# 1997 8hp/26in MTD Snow blower with Tecumseh



## guttersnipes (Feb 23, 2013)

Hi I was doing some maintenance on my snow blower and took off the carburetor cover and shroud. There is one green wire under the carburetor shroud and two green wires connected together that connect at the throttle. Unfortunately I've forgotten where to reconnect these wires. does anyone have a diagram or picture showing where they all connect?

Thanks All. John


----------



## Colored Eggs (Dec 7, 2012)

Send us a picture to better help you. Most likely the wires will go to the throttle, and block and sometimes if there is a key on your carb cover it will connect there.


----------



## guttersnipes (Feb 23, 2013)

Hi Colored Eggs, I've attached pictures.
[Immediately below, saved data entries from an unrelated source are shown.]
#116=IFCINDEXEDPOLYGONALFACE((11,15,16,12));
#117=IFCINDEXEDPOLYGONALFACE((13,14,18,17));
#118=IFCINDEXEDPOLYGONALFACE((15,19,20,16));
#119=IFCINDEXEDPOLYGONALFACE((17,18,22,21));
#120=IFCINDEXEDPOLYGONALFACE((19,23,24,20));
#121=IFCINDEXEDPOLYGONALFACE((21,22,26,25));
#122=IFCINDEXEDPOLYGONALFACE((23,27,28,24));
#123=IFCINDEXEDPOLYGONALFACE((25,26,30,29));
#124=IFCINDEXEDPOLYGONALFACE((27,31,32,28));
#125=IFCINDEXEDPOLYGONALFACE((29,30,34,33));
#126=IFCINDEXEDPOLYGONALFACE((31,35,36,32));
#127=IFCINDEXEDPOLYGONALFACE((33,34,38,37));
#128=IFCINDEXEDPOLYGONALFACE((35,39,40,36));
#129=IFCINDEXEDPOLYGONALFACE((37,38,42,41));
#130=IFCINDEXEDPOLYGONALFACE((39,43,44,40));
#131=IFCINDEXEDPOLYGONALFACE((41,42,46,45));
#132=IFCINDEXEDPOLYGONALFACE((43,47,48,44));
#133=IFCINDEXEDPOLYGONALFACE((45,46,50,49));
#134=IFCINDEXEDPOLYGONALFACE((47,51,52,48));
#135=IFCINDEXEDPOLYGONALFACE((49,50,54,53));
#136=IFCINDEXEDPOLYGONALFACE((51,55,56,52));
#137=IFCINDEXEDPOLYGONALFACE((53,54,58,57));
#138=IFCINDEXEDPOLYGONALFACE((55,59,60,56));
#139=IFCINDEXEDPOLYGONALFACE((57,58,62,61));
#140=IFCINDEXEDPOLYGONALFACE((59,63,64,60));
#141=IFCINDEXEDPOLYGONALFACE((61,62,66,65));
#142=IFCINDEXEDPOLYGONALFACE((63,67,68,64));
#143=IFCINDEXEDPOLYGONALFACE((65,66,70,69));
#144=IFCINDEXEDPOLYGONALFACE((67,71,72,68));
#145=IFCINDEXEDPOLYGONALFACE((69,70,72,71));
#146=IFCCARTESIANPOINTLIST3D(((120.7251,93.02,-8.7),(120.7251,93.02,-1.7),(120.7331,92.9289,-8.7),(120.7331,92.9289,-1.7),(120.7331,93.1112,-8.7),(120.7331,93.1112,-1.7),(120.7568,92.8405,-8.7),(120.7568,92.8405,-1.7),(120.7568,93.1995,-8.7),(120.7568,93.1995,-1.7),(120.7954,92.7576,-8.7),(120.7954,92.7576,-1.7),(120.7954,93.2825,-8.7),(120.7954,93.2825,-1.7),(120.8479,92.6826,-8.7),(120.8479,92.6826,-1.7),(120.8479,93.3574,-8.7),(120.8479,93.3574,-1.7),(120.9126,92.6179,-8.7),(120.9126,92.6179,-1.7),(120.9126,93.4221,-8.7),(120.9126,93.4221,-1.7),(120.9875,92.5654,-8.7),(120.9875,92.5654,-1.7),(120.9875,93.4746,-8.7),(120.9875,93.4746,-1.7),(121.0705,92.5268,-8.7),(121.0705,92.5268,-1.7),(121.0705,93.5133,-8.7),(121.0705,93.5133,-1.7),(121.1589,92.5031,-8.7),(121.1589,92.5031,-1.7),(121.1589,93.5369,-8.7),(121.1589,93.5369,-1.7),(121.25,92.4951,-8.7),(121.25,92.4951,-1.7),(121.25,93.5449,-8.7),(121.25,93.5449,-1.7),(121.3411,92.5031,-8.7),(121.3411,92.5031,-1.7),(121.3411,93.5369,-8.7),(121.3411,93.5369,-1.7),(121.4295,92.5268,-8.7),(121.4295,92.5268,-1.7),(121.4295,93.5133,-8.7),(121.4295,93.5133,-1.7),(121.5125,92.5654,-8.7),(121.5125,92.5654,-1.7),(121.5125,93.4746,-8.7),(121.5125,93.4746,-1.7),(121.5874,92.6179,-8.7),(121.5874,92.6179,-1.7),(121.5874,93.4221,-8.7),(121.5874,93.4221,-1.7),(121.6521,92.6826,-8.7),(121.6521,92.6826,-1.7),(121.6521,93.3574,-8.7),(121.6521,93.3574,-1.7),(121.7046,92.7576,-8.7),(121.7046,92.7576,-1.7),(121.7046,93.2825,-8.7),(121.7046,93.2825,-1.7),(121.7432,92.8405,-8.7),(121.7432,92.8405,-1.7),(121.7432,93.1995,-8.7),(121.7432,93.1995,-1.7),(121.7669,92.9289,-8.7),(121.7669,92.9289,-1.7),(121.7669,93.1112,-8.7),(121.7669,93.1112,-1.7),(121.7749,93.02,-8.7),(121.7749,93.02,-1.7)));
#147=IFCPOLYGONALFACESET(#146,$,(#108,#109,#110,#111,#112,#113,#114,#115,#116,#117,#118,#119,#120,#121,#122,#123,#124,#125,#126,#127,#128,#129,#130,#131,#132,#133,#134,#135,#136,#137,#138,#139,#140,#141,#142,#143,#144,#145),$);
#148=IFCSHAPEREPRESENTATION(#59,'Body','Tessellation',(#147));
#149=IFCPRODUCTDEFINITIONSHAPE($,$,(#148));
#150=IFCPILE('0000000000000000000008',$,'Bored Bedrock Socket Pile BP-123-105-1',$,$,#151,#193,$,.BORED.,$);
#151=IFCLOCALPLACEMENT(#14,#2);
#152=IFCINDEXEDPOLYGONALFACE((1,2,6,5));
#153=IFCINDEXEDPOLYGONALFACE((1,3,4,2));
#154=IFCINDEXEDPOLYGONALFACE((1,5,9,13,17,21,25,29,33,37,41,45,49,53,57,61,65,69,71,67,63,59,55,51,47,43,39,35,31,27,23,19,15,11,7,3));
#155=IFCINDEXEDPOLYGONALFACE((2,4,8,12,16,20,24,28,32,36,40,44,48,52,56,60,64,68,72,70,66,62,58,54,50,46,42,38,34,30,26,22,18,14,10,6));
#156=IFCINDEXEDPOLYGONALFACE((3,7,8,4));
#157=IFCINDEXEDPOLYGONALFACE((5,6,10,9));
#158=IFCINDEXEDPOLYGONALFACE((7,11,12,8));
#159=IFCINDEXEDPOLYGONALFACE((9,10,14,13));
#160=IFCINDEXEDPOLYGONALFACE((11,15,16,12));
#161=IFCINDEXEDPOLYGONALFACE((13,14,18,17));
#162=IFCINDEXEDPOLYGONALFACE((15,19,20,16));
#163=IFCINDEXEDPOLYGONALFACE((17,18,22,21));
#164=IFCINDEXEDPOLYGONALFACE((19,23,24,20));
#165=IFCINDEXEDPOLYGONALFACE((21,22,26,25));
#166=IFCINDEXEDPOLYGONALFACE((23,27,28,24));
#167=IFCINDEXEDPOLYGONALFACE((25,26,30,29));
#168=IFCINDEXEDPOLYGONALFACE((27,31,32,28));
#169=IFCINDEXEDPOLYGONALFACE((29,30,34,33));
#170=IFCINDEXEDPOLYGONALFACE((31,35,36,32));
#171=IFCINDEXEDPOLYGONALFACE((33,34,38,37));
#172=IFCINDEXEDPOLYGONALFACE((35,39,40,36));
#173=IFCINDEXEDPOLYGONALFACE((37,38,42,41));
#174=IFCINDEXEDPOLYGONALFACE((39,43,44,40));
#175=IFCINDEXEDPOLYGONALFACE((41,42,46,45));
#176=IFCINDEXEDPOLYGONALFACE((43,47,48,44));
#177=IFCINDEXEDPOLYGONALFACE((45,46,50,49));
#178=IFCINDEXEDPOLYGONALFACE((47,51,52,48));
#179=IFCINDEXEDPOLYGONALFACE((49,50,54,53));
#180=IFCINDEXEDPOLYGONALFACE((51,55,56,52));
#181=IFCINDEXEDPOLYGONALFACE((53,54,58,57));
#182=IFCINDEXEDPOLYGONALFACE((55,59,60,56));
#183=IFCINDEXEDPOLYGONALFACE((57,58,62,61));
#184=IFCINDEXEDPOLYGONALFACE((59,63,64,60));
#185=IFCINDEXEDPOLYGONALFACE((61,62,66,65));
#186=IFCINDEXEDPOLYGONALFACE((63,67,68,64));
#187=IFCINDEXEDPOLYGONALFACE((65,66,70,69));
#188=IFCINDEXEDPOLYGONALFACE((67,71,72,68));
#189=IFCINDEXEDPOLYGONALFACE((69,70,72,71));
In the Green Throttle wire 1 file there is a green wire from the throttle to a metal circular connector and another green wire from that same connector. Does that circular connector get attached somewhere as well?

Thanks for your help! John


----------



## Shryp (Jan 1, 2011)

Skp to 3:08


----------



## guttersnipes (Feb 23, 2013)

Thanks so much Shryp, Very helpful! Would you know how the throttle cable is connected?


----------



## Shryp (Jan 1, 2011)

I just assumed yours had the throttle on the side of the engine.


----------